- Location of Fountainhead-Orchard Hills, Maryland
- Coordinates: 39°41′16″N 77°43′02″W﻿ / ﻿39.68778°N 77.71722°W
- Country: United States
- State: Maryland
- County: Washington

Area
- • Total: 4.42 sq mi (11.44 km^{2})
- • Land: 4.42 sq mi (11.44 km^{2})
- • Water: 0 sq mi (0.00 km^{2})
- Elevation: 643 ft (196 m)

Population (2020)
- • Total: 6,189
- • Density: 1,401.3/sq mi (541.06/km^{2})
- Time zone: UTC−5 (Eastern (EST))
- • Summer (DST): UTC−4 (EDT)
- FIPS code: 24-29712
- GNIS feature ID: 2389807

= Fountainhead-Orchard Hills, Maryland =

Fountainhead-Orchard Hills is a census-designated place (CDP) in Washington County, Maryland, United States. The population was 3,861 at the 2000 census.

==Geography==

According to the United States Census Bureau, the CDP has a total area of 3.8 sqmi, all land.

==Demographics==

Historical population
| Census | Pop. | Note | %± |
| 2020 | 6,189 |  | — |
U.S. Decennial Census

===2020 census===
As of the 2020 census, Fountainhead-Orchard Hills had a population of 6,189. The median age was 42.6 years. 22.8% of residents were under the age of 18 and 19.3% of residents were 65 years of age or older. For every 100 females there were 97.3 males, and for every 100 females age 18 and over there were 91.2 males age 18 and over.

99.7% of residents lived in urban areas, while 0.3% lived in rural areas.
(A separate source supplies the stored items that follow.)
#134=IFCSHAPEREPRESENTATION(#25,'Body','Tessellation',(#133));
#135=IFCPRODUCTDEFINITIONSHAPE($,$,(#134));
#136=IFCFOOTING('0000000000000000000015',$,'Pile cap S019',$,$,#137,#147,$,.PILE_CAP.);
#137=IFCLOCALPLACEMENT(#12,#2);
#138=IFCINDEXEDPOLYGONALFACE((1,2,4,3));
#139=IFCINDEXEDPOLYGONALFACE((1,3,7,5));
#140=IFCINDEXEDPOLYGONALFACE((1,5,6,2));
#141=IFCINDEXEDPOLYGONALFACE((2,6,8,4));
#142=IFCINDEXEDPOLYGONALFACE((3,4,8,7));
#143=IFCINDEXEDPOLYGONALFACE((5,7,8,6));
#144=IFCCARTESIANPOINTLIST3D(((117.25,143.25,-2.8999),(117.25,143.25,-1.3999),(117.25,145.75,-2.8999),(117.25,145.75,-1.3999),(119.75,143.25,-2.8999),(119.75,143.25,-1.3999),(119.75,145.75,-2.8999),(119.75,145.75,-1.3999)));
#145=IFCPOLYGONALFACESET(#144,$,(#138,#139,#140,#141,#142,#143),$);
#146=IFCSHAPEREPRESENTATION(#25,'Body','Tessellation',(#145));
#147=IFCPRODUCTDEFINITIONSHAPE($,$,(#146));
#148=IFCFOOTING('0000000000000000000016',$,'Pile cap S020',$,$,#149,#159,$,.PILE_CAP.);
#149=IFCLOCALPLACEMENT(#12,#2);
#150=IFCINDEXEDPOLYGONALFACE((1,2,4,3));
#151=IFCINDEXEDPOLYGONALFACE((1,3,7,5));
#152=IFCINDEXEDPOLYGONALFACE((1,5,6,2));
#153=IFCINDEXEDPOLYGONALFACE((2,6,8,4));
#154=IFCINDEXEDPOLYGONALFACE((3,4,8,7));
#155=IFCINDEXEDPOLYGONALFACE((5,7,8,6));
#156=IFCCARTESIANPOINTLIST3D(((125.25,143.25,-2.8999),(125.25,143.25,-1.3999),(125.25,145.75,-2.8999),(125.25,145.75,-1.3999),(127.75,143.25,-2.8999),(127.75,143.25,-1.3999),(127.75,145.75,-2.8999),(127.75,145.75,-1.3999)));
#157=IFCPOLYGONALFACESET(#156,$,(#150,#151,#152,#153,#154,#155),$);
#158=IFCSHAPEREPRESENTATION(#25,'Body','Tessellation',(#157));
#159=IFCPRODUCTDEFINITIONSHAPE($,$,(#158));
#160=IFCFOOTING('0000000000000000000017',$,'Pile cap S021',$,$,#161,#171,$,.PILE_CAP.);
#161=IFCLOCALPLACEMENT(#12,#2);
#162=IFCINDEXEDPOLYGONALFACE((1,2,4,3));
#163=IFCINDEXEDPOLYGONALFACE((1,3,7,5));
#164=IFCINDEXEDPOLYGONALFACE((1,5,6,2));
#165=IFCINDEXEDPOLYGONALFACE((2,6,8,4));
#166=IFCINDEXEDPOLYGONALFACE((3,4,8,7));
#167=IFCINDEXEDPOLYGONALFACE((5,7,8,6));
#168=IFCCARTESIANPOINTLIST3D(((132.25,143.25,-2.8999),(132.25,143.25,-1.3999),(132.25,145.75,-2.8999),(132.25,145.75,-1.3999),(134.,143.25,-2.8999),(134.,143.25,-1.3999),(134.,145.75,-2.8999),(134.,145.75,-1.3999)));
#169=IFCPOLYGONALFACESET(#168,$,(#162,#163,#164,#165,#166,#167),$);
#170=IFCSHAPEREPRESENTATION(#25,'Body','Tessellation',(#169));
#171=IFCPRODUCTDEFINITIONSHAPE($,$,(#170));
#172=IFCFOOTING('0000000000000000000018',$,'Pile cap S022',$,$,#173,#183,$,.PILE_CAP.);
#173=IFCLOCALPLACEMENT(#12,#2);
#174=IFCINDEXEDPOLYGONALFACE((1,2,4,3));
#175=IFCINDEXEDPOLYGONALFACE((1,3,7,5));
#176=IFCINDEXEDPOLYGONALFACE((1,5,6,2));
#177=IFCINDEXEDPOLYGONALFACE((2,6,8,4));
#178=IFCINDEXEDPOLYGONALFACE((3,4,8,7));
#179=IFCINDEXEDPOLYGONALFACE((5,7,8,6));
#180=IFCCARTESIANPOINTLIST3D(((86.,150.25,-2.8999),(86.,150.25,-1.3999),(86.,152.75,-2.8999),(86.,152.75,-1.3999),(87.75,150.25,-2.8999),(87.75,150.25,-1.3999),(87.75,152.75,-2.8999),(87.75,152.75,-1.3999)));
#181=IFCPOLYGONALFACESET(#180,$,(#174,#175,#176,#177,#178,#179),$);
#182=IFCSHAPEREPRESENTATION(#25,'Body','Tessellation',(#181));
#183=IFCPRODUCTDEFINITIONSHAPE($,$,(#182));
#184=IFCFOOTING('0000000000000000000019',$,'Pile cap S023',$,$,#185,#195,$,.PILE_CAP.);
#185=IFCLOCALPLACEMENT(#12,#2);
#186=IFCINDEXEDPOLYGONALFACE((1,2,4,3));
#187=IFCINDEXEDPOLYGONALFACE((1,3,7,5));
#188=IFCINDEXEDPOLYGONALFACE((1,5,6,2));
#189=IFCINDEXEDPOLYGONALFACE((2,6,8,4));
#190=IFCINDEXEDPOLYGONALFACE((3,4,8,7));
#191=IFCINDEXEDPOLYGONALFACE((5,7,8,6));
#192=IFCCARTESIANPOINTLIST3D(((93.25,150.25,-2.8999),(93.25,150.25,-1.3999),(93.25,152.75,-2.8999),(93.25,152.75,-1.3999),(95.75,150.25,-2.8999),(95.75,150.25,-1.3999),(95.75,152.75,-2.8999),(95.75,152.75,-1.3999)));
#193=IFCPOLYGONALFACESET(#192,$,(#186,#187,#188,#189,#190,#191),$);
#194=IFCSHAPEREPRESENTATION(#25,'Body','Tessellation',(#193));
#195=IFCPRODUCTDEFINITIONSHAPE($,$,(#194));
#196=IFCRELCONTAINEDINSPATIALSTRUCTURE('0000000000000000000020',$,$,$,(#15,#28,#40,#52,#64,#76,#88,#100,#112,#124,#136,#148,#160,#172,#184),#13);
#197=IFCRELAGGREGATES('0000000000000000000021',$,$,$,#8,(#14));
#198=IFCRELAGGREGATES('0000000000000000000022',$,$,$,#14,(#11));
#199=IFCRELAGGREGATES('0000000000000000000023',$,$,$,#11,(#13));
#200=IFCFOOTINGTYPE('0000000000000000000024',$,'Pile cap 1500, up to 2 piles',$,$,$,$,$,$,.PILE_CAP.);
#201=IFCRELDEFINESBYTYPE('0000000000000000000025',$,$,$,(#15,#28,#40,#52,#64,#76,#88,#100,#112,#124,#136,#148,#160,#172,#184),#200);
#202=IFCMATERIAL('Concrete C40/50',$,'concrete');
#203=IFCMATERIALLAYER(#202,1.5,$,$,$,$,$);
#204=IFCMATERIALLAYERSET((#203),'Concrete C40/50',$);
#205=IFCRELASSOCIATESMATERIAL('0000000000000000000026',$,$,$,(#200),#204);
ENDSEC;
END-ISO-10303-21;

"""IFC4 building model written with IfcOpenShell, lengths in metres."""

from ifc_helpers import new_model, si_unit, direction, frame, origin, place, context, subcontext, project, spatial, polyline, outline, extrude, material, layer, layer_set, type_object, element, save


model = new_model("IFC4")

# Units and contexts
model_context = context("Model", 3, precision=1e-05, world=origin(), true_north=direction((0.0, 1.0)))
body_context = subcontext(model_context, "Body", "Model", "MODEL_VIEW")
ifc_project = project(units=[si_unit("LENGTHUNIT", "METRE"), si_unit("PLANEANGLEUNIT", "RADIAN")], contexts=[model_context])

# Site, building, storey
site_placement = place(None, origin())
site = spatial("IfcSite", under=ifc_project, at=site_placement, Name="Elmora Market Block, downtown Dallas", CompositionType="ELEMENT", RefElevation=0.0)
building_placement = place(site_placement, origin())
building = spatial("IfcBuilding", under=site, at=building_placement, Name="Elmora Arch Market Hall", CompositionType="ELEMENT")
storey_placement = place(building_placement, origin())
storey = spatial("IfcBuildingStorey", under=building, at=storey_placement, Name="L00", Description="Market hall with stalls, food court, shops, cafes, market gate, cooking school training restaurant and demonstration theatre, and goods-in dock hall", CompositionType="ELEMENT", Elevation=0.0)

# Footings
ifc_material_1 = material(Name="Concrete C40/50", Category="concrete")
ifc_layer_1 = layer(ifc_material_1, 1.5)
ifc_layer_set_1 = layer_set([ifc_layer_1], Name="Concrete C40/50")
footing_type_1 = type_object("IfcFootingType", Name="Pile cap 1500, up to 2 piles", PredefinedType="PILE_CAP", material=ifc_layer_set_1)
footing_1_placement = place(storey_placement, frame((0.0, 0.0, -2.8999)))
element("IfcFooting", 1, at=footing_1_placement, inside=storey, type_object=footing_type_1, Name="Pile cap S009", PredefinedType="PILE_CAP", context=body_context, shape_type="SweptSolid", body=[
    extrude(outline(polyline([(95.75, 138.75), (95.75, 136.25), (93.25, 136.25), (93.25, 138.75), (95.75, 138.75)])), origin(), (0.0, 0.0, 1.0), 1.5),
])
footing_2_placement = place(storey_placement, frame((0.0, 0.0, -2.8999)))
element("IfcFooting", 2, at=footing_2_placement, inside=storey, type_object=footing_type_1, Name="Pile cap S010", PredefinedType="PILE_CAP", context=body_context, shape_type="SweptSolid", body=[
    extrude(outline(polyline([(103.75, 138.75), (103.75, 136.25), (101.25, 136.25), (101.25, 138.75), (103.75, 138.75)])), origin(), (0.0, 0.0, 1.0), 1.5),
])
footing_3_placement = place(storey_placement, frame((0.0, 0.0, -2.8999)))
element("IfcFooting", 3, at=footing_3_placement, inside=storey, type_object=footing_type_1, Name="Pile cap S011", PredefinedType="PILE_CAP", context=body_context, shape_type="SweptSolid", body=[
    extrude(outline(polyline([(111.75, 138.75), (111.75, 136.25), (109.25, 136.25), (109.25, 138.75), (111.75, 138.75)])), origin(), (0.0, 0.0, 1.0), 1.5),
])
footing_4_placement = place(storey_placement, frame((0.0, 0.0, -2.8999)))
There were 2,354 households in Fountainhead-Orchard Hills, of which 31.4% had children under the age of 18 living in them. Of all households, 55.1% were married-couple households, 14.5% were households with a male householder and no spouse or partner present, and 22.6% were households with a female householder and no spouse or partner present. About 24.3% of all households were made up of individuals and 12.1% had someone living alone who was 65 years of age or older.

There were 2,490 housing units, of which 5.5% were vacant. The homeowner vacancy rate was 1.7% and the rental vacancy rate was 6.1%.

Racial composition as of the 2020 census
| Race | Number | Percent |
|---|---|---|
| White | 4,572 | 73.9% |
| Black or African American | 581 | 9.4% |
| American Indian and Alaska Native | 31 | 0.5% |
| Asian | 255 | 4.1% |
| Native Hawaiian and Other Pacific Islander | 0 | 0.0% |
| Some other race | 234 | 3.8% |
| Two or more races | 516 | 8.3% |
| Hispanic or Latino (of any race) | 536 | 8.7% |

===2000 census===
At the 2000 census there were 3,844 people, 1,546 households, and 1,119 families living in the CDP. The population density was 1,007.3 PD/sqmi. There were 1,621 housing units at an average density of 424.8 /sqmi. The racial makeup of the CDP was 94.35% White, 2.29% African American, 0.10% Native American, 1.90% Asian, 0.03% Pacific Islander, 0.31% from other races, and 1.01% from two or more races. Hispanic or Latino of any race were 1.59%.

Of the 1,546 households 27.7% had children under the age of 18 living with them, 62.8% were married couples living together, 6.5% had a female householder with no husband present, and 27.6% were non-families. 23.9% of households were one person and 14.9% were one person aged 65 or older. The average household size was 2.40 and the average family size was 2.81.

The age distribution was 21.6% under the age of 18, 4.6% from 18 to 24, 22.8% from 25 to 44, 27.3% from 45 to 64, and 23.7% 65 or older. The median age was 46 years. For every 100 females, there were 93.7 males. For every 100 females age 18 and over, there were 90.0 males.

The median household income was $49,648 and the median family income was $60,840. Males had a median income of $38,636 versus $26,905 for females. The per capita income for the CDP was $27,552. About 1.7% of families and 3.1% of the population were below the poverty line, including 2.5% of those under age 18 and 2.7% of those age 65 or over.